Today's guest post comes from James Ellis. Ellis is the Digital Strategist at closerlook inc. and blogs at digital-pharma.tumblr.com. He also needs more activity on his Twitter account (@digital_pharma) if you'd like to tell him he's wrong. No, really. James will be joining us at ePharma Summit West July 17-19, 2012 in San Franscico, California. If you'd like to join James, be sure to register today and mention code XP1756BLOG to save 15% off the current rate!You have a lot of possible and actual targets, and almost as many ways to describe those targets: deciles (based on past prescribing data), deciles (based on predictive modeling tools), engagement scores, adoption path position, geographic area, specialty, practice type, and more.
The problem with many of these descriptions is that they tend to paint a partial picture of your targets. For example, deciling by past prescription data says ”this group used to prescribe a lot, this group used to not prescribe much.” That’s great information if this were a history class.
Conversely, deciling by predictive modeling (so sexy, so hot this year) is so complicated, most of us can only say ”based on an equation so complicated I'd need PhD and a white board the size of a building to explains it, this group should prescribe a lot and this group shouldn't.” It’s less like history class and more like science fiction.
The issue is that while this kind of segmentation tells you who should write and who shouldn't, it doesn't try to tell you why. And that’s important because if you know why, you’ll know what you want them to do, which means you’ll know what kinds of messages to send them to change their behavior.
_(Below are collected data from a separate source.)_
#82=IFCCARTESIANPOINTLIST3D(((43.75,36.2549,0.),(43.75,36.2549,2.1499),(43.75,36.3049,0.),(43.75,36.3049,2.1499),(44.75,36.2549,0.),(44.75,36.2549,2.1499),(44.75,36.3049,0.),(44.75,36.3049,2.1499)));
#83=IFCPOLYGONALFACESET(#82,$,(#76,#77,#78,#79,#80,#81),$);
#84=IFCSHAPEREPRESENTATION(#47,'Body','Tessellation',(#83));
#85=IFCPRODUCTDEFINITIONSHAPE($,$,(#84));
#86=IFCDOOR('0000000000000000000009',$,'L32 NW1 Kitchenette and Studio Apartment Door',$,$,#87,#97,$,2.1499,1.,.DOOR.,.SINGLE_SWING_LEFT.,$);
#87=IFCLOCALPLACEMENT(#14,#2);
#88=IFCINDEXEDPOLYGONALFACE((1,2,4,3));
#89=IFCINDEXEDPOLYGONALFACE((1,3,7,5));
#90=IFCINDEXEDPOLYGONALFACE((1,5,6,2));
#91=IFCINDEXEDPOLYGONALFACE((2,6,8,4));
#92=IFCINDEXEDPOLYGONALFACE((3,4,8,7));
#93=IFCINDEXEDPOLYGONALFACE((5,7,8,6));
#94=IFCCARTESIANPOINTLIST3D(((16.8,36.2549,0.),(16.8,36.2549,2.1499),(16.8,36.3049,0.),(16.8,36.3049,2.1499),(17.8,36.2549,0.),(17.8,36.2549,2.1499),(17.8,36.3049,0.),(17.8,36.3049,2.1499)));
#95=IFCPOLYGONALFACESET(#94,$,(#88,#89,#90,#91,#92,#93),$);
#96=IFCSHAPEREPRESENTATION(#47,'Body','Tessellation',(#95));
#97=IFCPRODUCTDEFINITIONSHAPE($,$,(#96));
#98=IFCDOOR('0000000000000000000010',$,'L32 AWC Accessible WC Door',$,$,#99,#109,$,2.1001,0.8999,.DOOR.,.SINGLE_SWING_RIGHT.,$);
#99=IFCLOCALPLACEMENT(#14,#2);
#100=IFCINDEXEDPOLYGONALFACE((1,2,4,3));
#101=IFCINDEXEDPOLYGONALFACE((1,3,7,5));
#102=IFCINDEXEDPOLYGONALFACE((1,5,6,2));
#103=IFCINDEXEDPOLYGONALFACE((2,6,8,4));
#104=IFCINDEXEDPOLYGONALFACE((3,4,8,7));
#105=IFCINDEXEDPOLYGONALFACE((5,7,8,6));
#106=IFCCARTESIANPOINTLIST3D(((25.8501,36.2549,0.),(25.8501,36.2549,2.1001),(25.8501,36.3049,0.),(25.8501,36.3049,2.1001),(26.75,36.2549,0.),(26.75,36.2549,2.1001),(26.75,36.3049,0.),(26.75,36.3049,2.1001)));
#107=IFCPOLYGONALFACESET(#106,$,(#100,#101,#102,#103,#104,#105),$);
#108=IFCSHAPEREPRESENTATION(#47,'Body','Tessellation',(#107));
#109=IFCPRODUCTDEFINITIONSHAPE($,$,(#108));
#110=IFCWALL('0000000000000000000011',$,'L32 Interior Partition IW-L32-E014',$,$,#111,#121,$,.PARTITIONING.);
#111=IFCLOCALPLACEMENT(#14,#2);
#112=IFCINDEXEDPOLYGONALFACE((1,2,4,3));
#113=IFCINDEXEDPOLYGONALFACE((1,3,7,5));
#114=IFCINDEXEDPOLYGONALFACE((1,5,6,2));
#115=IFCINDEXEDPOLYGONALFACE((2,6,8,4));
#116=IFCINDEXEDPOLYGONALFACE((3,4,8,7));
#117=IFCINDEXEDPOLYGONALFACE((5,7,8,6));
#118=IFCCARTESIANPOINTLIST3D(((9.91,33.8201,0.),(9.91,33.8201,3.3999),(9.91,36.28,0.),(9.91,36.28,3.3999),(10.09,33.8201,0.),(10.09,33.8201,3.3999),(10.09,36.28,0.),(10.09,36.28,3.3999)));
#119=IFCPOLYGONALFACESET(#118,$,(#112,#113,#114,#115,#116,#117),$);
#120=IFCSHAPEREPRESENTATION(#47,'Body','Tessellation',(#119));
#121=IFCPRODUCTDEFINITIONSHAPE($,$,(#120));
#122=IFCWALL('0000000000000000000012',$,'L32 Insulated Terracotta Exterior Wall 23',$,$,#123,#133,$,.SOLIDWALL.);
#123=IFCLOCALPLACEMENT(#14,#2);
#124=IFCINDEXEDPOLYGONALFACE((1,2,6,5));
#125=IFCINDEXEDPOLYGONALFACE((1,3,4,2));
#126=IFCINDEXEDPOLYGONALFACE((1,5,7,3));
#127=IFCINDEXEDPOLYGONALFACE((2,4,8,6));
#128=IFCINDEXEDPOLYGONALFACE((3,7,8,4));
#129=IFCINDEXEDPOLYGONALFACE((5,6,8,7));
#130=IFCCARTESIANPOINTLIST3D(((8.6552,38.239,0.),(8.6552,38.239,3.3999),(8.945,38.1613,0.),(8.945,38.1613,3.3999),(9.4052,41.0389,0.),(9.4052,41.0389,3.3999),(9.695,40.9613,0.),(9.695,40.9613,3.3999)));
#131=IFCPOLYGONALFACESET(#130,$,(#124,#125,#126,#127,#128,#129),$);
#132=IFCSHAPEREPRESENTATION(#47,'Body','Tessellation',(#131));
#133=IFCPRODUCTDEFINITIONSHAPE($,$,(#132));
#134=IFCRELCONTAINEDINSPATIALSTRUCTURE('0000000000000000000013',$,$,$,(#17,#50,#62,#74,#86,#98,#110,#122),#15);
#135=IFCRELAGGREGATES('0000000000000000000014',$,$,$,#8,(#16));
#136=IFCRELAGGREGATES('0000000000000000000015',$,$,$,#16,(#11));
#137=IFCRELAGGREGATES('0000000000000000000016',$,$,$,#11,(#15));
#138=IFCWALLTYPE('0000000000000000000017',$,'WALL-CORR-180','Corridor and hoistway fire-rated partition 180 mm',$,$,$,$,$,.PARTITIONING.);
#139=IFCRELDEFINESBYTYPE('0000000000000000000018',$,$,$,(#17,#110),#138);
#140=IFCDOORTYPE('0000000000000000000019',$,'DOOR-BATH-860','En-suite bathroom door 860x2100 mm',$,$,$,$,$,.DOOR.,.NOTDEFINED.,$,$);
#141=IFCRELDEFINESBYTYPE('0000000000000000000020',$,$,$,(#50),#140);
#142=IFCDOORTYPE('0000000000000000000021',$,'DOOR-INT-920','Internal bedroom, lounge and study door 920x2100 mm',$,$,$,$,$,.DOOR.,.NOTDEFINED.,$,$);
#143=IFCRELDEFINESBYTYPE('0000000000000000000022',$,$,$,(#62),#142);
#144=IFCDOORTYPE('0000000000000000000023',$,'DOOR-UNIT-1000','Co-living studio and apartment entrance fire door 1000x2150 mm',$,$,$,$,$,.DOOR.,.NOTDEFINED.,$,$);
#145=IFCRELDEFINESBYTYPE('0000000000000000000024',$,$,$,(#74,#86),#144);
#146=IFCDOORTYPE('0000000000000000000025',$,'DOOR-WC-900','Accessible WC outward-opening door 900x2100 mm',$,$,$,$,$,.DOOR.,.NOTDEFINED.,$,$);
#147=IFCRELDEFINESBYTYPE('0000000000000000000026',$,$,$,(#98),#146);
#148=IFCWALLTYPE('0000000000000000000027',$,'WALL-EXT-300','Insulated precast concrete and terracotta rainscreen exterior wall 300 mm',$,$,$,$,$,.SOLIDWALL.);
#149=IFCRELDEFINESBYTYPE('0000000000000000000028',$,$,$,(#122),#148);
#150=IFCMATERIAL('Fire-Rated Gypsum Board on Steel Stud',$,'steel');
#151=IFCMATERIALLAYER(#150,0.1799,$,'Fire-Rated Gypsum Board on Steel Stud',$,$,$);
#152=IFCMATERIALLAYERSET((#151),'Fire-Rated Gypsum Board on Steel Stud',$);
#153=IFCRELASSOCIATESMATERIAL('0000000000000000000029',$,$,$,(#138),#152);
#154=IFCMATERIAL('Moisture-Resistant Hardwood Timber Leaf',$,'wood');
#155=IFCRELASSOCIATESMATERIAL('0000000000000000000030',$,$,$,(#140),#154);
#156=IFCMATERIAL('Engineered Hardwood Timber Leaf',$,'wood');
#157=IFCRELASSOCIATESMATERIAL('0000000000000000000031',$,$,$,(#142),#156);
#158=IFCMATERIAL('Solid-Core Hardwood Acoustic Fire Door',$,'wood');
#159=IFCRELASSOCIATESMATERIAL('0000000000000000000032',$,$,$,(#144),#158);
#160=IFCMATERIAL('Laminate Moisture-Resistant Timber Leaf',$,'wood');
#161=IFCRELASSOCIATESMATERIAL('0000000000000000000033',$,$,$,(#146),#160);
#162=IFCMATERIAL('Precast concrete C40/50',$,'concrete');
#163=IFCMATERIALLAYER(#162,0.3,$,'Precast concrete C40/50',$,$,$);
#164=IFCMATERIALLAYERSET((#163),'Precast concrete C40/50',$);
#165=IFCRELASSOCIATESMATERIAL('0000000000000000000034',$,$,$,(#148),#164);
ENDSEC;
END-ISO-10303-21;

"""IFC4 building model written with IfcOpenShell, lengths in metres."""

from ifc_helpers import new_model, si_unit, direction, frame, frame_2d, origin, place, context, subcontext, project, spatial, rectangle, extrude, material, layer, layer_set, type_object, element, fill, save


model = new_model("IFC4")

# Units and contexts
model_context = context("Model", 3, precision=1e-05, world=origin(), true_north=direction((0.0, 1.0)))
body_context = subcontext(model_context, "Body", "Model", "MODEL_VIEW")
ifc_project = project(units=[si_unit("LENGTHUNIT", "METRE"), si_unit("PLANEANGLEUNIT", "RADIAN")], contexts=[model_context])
So, let's call this this the Context Quadrant Metric (all you MBAs should feel very much at home, they rest of you, don't worry -- this is easy). It's a two-by-two chart. Across the chart, plot out engagement. You can decide how you want to measure this. It can be as simple as decile, but you could also count all the different touches you've made back and forth (number of emails sent, videos viewed, speaker programs completed, honoraria received, etc). Low engagement to the left, high engagement to the right.
Now, you’ve got four quadrants. The bottom-left is filled with targets who are low-engaged, writing few prescriptions. Call these your “Unlikelies.” In the bottom-right you have highly-engaged, low prescribers. Call these your “Underachievers.” Upper-right corner is your highly-engaged, high prescribers. These are your “High-Responders.” Finally, in the upper-left, you have low-engaged, high prescribers. These are your “Overacheivers.”
What does this tell us? Well, we now see where there are correlations between the marketing actions you are taking and prescribing. We’ll also see how in many instances the actions you make have nothing to do with the outcomes. For example, you spend a whole lot of money trying to talk to the Underacheivers, but they don’t seem to be doing what you want. How much money is too much? Or maybe it's proof that your marketing message isn't working for them. Maybe these are the moochers who are happy to watch any videos you put in front of them for the free MREI at the end. Maybe no amount of MREI in the world will get them to prescribe.
How valuable is that information?
And what about your OveracheiversYou are spending a lot of money trying to talk to them, but they are ignoring you entirely without negative consequence to your bottom line. They have massive ROI. Maybe instead of trying to get them to opt in, you should just start sending them thank you emails and leaving them alone. How much money would you save that way?
By understanding the contents of each target group, you can make smarter marketing choices, saving huge amounts of money on dead-end or already-satisfied targets that can be used on new messages to those who will actually respond to them. You can frame marketing strategies (and budgets) around better understanding your audiences.